晚上,文书先生已经脱掉了外衣,只穿着一件衬衫,他躺在床上,山羊胡子向上翘起,正在读布勒斯拉维尔出版社出版的那部《杜勒里宫廷秘史》。他正好读到西班牙公使奥洛查格正在吻着欧亦妮的袜子,这一场写得实在是太动人了,使得文书先生都差点儿无法安安稳稳地躺在床上。蜡烛在燃烧,被烧着的苍蝇在灯油里四下溅开。突然佐乌齐凯维奇听见有人在敲门,咚!咚!敲门声是那样轻,轻得刚刚能让文书听得见。

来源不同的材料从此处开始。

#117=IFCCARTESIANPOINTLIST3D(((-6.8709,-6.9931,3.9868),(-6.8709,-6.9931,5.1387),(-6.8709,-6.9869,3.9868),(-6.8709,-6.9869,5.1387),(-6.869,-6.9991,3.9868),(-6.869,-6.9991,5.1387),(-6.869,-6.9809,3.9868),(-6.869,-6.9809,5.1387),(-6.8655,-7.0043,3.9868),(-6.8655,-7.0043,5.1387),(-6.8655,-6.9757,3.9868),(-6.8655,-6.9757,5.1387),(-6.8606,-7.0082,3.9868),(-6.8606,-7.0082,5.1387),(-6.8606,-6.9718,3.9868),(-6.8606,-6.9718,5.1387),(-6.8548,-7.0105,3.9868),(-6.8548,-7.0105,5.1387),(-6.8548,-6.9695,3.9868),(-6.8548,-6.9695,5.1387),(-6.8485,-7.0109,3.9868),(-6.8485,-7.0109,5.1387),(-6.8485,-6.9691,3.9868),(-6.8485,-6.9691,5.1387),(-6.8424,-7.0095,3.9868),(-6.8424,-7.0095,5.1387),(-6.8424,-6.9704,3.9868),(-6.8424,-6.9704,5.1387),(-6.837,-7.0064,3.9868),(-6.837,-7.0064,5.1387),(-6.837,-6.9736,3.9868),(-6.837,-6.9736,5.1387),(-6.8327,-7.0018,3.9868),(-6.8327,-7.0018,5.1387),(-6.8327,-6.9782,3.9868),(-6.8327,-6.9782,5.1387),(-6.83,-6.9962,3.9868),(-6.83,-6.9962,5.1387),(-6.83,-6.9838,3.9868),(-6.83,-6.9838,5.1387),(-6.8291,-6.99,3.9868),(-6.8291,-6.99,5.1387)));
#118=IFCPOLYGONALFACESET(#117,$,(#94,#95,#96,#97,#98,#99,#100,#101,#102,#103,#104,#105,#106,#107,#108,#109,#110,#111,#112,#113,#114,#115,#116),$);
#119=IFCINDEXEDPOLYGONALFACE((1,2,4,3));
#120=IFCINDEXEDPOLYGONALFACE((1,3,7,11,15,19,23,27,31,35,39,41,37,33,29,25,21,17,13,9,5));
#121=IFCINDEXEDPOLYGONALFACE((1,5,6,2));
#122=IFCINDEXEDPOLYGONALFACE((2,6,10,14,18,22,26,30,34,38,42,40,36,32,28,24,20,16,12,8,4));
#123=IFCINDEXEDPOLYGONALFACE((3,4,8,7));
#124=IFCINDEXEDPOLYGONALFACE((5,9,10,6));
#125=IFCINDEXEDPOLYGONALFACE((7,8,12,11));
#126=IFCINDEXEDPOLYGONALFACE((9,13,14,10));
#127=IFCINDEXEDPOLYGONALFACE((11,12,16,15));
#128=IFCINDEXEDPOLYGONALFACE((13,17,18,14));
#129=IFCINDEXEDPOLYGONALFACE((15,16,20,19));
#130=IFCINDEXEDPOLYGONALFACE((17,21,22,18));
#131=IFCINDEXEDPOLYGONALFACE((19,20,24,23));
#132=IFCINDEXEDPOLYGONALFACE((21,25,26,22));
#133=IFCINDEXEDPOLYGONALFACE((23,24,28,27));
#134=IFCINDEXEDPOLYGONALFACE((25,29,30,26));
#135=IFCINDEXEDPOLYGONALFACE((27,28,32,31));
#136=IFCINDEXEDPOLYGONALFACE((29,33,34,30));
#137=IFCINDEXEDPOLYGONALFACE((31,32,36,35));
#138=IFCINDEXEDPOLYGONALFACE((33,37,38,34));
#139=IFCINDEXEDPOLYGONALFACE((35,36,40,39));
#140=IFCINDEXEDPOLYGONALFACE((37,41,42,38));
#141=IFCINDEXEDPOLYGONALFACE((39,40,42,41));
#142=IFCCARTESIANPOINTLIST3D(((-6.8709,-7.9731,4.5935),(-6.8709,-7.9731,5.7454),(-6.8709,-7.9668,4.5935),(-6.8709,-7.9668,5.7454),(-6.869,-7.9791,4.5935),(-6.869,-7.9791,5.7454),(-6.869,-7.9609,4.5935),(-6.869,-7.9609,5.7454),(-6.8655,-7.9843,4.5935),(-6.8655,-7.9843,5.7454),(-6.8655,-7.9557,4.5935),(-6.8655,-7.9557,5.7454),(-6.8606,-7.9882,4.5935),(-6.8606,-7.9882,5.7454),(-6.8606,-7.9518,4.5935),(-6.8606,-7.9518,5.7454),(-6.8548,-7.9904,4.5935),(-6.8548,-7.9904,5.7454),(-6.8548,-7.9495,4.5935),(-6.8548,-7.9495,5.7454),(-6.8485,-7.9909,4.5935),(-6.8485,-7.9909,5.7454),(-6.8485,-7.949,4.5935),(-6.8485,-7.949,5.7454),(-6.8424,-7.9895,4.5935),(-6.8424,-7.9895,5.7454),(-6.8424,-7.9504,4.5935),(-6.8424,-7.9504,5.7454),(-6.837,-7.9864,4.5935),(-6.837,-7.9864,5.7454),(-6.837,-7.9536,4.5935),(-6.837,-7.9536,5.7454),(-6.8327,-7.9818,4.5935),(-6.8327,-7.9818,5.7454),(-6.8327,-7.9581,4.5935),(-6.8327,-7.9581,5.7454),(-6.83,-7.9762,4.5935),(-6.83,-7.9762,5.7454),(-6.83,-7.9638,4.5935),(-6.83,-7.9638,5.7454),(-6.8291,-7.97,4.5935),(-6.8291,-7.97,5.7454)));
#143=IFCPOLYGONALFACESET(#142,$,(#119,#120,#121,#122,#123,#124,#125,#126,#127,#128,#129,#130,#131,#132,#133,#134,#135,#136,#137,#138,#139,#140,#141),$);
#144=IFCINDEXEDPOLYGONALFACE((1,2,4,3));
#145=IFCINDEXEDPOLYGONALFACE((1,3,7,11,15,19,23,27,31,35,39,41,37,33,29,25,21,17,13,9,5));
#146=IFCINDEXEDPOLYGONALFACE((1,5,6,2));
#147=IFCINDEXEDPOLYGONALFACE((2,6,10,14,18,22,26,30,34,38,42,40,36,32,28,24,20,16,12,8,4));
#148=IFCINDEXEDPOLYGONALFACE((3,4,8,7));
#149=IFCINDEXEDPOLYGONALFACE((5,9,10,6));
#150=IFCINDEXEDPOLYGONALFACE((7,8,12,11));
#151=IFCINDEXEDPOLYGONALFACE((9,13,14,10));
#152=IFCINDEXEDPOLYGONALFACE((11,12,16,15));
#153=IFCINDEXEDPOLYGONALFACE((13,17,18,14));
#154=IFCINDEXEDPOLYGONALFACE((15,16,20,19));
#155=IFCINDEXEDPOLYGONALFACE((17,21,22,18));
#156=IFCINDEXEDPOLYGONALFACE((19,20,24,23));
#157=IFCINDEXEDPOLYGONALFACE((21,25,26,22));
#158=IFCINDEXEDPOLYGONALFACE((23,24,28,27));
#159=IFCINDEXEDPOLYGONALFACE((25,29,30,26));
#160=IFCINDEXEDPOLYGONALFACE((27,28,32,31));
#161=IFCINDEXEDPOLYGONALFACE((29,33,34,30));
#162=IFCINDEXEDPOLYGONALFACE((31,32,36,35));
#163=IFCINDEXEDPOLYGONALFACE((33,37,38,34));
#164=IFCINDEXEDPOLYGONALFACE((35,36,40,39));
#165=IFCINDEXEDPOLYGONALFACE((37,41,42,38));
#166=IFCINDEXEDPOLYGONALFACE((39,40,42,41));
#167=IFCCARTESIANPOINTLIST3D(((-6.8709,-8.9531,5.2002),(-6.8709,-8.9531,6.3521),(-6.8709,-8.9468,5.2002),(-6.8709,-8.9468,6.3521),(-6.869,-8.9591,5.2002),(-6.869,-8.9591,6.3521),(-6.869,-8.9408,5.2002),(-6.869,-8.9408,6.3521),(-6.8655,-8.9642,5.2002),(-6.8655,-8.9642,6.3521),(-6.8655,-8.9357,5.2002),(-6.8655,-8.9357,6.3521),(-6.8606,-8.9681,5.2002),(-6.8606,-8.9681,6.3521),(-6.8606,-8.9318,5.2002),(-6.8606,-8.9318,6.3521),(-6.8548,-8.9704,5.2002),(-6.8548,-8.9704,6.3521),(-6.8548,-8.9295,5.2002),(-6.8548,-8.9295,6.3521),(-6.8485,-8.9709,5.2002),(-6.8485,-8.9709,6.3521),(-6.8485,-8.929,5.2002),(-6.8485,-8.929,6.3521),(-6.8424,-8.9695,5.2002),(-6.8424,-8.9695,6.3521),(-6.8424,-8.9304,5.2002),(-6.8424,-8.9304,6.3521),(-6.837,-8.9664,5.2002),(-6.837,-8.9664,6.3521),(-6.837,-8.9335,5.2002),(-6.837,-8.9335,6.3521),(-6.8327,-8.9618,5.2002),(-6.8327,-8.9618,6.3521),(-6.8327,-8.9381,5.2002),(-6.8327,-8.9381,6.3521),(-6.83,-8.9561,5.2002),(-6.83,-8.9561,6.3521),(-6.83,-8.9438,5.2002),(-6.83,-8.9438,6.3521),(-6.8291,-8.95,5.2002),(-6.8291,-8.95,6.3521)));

“是谁?”他大声问道。他觉得受到了别人的打扰,这让他感到很恼火。

“是我!”一个低低的声音在回答。

“你到底是谁?”

回答的声音非常低:

“热巴家的!……”

佐乌齐凯维奇立即跳下床来,跑到门口开门。热巴老婆走进门来,她看起来十分慌乱,想说什么可又说不出来。不过,佐乌齐凯维奇是个好人,他鼓励她,他没有穿外衣便立即搂腰抱住了她,说道:

“啊哈!合同签订那么久了,你终于来求我了!玛丽霞,是吧?”

“是的!”

这时候他把她拉得更近,紧紧抱住了她,把他的嘴紧紧贴在她那发抖的嘴唇上。

“现在该怎么样呢!”他愉快地问道。

女人的脸色苍白得像夏布。

“凭上帝的意旨!”她轻声地答道。